What marriage is primarily about
When I hear complains of most of couples, they are usually caused by egoistic thoughts. They expect much from their spouses and when they couldn’t find what they think they should get, they start to complain and lose interest on their marriage. They define happiness by having or possessing. But, happiness is the result of giving not getting.
“There is no happiness in having, or in getting, but only in giving.” Gary Thomas quoted Henry Drummond in his Book Devotions for a Sacred Marriage. Then he added, “And half the world is on the wrong scent in the pursuit of happiness. They think it consists in having and getting, and in being served by others. It consists in giving and serving others.”
We train ourselves to be happy by trying to get and possess what we think which makes us happy. However, there is no happiness in getting. The same theory applies for marriage too. We expect our spouses to make us happy. We usually expect that they have to do this and that for us. We will never be happy this way. We can’t have a good and lasting marriage either. We are searching happiness in a place where we won’t find it ever.

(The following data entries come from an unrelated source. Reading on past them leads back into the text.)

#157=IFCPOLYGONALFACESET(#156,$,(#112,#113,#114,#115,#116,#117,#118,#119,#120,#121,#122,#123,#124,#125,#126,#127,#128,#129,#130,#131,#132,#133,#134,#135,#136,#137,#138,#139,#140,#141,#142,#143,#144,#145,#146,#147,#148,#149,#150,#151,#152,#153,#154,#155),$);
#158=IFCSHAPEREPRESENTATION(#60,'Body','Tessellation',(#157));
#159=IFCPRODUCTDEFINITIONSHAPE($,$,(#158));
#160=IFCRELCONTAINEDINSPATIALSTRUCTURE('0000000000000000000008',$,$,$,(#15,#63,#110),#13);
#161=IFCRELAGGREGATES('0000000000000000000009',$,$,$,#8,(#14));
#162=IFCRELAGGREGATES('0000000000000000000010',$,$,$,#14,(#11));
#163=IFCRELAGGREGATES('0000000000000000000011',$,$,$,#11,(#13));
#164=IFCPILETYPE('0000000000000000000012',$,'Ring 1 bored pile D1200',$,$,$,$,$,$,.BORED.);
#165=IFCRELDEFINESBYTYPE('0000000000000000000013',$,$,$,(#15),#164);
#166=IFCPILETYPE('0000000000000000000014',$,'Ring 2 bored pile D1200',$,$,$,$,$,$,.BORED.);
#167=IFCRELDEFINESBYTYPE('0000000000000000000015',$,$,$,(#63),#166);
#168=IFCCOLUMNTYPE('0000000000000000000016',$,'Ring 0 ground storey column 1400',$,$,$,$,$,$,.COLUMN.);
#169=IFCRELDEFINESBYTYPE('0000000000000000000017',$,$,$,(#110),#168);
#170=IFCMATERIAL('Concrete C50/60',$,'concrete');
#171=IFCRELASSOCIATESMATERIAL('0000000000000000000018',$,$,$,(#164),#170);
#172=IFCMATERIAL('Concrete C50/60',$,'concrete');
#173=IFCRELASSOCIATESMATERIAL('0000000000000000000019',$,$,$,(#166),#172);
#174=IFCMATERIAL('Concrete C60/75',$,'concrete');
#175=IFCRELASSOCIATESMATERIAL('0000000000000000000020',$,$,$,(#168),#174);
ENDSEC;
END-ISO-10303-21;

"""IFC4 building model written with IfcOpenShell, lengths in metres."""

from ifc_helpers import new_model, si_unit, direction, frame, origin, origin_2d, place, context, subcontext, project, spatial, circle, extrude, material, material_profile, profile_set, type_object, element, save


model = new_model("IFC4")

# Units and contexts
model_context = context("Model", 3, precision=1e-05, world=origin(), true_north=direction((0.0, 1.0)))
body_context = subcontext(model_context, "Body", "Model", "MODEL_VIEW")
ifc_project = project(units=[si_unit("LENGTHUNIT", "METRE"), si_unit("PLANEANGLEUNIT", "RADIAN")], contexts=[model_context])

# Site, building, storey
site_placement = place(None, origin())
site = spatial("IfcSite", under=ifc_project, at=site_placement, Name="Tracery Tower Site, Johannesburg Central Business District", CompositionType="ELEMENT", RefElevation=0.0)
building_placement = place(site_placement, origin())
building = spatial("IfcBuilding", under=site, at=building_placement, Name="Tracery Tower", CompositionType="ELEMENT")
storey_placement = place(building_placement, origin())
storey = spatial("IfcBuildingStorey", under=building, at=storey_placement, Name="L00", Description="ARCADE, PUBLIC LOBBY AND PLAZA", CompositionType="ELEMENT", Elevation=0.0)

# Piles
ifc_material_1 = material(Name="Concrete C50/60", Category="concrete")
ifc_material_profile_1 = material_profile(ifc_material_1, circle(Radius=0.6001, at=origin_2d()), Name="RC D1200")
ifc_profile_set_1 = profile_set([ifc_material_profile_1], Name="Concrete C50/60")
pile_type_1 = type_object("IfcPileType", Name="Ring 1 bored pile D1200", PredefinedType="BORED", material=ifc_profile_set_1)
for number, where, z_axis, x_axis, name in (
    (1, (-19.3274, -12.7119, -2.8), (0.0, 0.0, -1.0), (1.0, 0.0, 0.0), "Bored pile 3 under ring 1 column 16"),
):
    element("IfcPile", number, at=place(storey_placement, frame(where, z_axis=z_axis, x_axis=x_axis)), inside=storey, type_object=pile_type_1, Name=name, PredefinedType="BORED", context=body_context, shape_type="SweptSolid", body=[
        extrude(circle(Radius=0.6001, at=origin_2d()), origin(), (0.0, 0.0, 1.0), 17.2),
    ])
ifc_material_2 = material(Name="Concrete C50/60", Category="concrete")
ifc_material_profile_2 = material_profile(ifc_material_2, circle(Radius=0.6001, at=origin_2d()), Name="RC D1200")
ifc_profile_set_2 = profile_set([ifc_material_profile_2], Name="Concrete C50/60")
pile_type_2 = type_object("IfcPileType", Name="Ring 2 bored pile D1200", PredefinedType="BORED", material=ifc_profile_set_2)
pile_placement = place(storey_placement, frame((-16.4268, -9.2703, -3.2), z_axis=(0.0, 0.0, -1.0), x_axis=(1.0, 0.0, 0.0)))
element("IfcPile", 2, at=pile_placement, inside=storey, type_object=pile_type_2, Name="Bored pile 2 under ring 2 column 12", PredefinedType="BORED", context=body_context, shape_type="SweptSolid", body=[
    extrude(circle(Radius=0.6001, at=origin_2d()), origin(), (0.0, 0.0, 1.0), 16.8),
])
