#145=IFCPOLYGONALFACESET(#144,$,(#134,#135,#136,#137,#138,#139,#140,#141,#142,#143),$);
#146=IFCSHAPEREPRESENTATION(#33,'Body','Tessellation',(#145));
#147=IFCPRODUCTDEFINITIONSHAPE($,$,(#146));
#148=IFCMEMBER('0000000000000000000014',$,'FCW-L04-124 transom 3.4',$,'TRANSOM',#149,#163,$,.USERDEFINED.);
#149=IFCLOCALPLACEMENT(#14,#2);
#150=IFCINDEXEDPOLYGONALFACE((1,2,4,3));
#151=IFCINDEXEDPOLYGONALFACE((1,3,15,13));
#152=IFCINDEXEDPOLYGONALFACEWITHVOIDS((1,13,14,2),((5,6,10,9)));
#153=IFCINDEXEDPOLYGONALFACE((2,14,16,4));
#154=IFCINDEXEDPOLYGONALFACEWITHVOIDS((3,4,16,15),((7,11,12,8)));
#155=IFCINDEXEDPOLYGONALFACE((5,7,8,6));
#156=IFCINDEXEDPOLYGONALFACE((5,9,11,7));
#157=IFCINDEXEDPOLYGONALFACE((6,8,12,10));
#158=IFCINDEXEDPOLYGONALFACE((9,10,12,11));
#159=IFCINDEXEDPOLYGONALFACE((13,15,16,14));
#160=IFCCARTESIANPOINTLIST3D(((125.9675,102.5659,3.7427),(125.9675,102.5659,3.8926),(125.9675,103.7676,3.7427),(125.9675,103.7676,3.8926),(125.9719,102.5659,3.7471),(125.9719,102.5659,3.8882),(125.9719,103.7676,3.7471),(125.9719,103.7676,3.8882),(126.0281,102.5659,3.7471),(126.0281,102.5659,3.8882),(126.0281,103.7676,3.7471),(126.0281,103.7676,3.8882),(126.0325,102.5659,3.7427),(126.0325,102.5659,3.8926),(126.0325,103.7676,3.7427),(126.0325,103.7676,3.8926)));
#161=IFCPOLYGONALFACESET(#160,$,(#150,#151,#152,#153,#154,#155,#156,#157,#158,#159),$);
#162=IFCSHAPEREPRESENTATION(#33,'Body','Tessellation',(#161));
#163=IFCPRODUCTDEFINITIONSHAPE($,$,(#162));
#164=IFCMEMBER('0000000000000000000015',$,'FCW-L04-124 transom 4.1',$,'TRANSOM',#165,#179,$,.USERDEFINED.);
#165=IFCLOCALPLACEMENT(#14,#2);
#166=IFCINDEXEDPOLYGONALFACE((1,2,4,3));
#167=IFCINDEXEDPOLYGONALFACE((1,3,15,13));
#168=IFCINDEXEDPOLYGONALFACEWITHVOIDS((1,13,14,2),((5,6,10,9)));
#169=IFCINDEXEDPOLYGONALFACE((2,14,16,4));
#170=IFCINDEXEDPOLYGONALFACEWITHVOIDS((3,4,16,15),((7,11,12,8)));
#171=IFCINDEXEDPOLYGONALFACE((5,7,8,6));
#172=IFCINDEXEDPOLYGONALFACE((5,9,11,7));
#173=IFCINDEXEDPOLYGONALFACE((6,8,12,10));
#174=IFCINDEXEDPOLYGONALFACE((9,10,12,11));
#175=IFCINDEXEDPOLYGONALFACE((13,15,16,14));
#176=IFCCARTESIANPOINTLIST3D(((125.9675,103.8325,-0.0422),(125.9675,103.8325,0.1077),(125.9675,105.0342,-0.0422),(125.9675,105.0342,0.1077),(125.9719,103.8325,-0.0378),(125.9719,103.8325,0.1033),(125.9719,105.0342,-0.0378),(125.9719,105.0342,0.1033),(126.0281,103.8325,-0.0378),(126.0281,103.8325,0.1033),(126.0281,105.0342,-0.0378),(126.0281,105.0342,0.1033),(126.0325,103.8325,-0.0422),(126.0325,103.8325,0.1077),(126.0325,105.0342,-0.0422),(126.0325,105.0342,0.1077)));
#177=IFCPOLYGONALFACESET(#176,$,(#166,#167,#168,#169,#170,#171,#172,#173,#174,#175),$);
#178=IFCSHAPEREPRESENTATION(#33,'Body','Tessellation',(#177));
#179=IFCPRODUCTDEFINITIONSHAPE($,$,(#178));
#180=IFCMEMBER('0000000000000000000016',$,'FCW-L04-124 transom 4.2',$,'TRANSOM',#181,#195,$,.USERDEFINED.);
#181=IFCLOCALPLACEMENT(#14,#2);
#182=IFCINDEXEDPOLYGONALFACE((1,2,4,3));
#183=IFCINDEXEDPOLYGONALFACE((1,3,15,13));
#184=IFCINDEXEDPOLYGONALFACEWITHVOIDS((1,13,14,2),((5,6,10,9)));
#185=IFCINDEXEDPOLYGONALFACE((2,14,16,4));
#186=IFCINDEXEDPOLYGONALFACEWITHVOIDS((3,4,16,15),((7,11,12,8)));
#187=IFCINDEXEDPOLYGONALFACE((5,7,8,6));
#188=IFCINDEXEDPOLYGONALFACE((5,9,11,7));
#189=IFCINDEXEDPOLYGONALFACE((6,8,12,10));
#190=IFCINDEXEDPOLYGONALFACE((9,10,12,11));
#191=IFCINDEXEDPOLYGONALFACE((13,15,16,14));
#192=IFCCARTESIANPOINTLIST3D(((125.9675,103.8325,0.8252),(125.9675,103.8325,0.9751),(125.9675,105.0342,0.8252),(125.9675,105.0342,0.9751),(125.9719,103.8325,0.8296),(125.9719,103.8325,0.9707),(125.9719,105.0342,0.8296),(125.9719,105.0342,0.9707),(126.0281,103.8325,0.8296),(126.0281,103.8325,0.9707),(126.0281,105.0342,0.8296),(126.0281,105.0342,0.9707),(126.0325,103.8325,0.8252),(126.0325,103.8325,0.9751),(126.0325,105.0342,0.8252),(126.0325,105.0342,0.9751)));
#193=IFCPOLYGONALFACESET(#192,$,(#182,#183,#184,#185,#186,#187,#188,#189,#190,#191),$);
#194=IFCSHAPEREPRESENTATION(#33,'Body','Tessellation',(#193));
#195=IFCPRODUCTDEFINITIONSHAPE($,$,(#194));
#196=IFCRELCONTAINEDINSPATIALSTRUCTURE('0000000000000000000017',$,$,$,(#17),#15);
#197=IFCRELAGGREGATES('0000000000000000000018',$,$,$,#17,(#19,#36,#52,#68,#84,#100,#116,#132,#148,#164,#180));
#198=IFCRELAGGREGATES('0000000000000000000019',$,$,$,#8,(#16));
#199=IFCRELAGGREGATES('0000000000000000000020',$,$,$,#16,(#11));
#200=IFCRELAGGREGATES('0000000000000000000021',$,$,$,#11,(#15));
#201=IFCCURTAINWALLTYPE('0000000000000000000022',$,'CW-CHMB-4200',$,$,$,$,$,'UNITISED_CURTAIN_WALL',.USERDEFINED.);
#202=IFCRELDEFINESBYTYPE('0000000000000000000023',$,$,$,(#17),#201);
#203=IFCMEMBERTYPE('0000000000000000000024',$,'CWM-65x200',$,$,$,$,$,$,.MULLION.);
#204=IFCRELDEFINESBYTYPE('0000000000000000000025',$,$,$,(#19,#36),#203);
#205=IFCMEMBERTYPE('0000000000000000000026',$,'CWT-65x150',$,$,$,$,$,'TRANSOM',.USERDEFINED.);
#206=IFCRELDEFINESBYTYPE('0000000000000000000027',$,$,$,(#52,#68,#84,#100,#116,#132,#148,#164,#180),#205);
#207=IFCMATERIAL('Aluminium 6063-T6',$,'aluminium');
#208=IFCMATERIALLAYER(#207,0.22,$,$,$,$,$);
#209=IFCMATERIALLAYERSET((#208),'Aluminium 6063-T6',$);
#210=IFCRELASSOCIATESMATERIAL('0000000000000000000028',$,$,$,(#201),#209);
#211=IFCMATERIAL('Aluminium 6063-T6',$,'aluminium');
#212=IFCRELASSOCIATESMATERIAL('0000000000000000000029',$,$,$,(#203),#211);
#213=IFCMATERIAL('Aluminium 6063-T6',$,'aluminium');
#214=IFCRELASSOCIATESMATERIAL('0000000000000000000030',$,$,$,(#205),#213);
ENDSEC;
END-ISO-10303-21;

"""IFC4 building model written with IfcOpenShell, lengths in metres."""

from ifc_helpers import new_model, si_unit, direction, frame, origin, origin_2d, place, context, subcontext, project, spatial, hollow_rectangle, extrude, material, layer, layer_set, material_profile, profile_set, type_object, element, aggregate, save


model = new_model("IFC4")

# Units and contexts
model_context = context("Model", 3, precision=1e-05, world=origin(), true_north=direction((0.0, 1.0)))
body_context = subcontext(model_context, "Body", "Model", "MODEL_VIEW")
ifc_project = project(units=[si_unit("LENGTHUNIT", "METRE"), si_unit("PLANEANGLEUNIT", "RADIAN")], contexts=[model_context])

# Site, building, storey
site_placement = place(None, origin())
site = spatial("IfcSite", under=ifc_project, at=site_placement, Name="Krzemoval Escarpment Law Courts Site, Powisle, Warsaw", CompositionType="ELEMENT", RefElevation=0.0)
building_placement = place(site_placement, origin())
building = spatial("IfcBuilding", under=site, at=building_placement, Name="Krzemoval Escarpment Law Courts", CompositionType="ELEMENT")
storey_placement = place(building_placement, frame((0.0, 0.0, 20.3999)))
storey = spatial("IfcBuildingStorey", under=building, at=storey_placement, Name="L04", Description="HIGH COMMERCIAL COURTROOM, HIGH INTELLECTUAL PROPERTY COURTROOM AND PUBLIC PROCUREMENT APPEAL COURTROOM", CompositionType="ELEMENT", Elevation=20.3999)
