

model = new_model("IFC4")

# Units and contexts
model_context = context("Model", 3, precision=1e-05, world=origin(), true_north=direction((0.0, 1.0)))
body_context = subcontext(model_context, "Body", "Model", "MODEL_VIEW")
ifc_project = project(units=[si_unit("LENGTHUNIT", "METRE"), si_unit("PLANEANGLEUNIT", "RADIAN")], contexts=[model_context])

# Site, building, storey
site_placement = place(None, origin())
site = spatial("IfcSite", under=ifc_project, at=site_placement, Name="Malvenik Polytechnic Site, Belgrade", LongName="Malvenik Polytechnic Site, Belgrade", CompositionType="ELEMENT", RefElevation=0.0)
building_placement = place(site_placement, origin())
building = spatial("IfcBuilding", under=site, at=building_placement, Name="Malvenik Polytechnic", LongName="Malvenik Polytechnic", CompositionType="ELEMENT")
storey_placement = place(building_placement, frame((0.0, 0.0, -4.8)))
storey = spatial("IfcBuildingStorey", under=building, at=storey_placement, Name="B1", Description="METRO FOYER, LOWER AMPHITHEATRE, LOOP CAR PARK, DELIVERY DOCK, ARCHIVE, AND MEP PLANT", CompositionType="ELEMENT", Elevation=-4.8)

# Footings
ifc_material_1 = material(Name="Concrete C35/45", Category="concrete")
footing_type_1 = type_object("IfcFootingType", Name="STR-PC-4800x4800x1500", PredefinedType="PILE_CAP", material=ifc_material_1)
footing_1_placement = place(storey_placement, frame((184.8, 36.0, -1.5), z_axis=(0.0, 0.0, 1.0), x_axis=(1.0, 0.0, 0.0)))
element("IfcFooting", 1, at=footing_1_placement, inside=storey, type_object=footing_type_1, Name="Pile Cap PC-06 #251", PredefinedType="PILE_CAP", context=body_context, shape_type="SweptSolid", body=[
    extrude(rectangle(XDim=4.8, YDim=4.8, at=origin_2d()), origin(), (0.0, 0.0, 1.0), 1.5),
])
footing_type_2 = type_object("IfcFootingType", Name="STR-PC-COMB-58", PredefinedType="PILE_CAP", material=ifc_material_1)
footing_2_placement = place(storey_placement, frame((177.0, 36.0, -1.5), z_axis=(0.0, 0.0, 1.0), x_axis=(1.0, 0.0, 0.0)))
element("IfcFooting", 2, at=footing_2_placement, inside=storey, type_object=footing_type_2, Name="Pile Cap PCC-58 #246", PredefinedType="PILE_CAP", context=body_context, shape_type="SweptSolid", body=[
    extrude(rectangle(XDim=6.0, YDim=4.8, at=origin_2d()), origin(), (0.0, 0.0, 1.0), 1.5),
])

God is love. And he made us by his own image. This image of God in us derives its characters from him. So, if God is love, we are created to love others not only to be loved only. Marriage goes same way. It is not about what you get, it is about what you give. You made a commitment at the beginning, to love and take care of your spouse, for better or for worse. This is entirely giving. And that is what the foundation of marriage lies; giving, providing, loving and caring.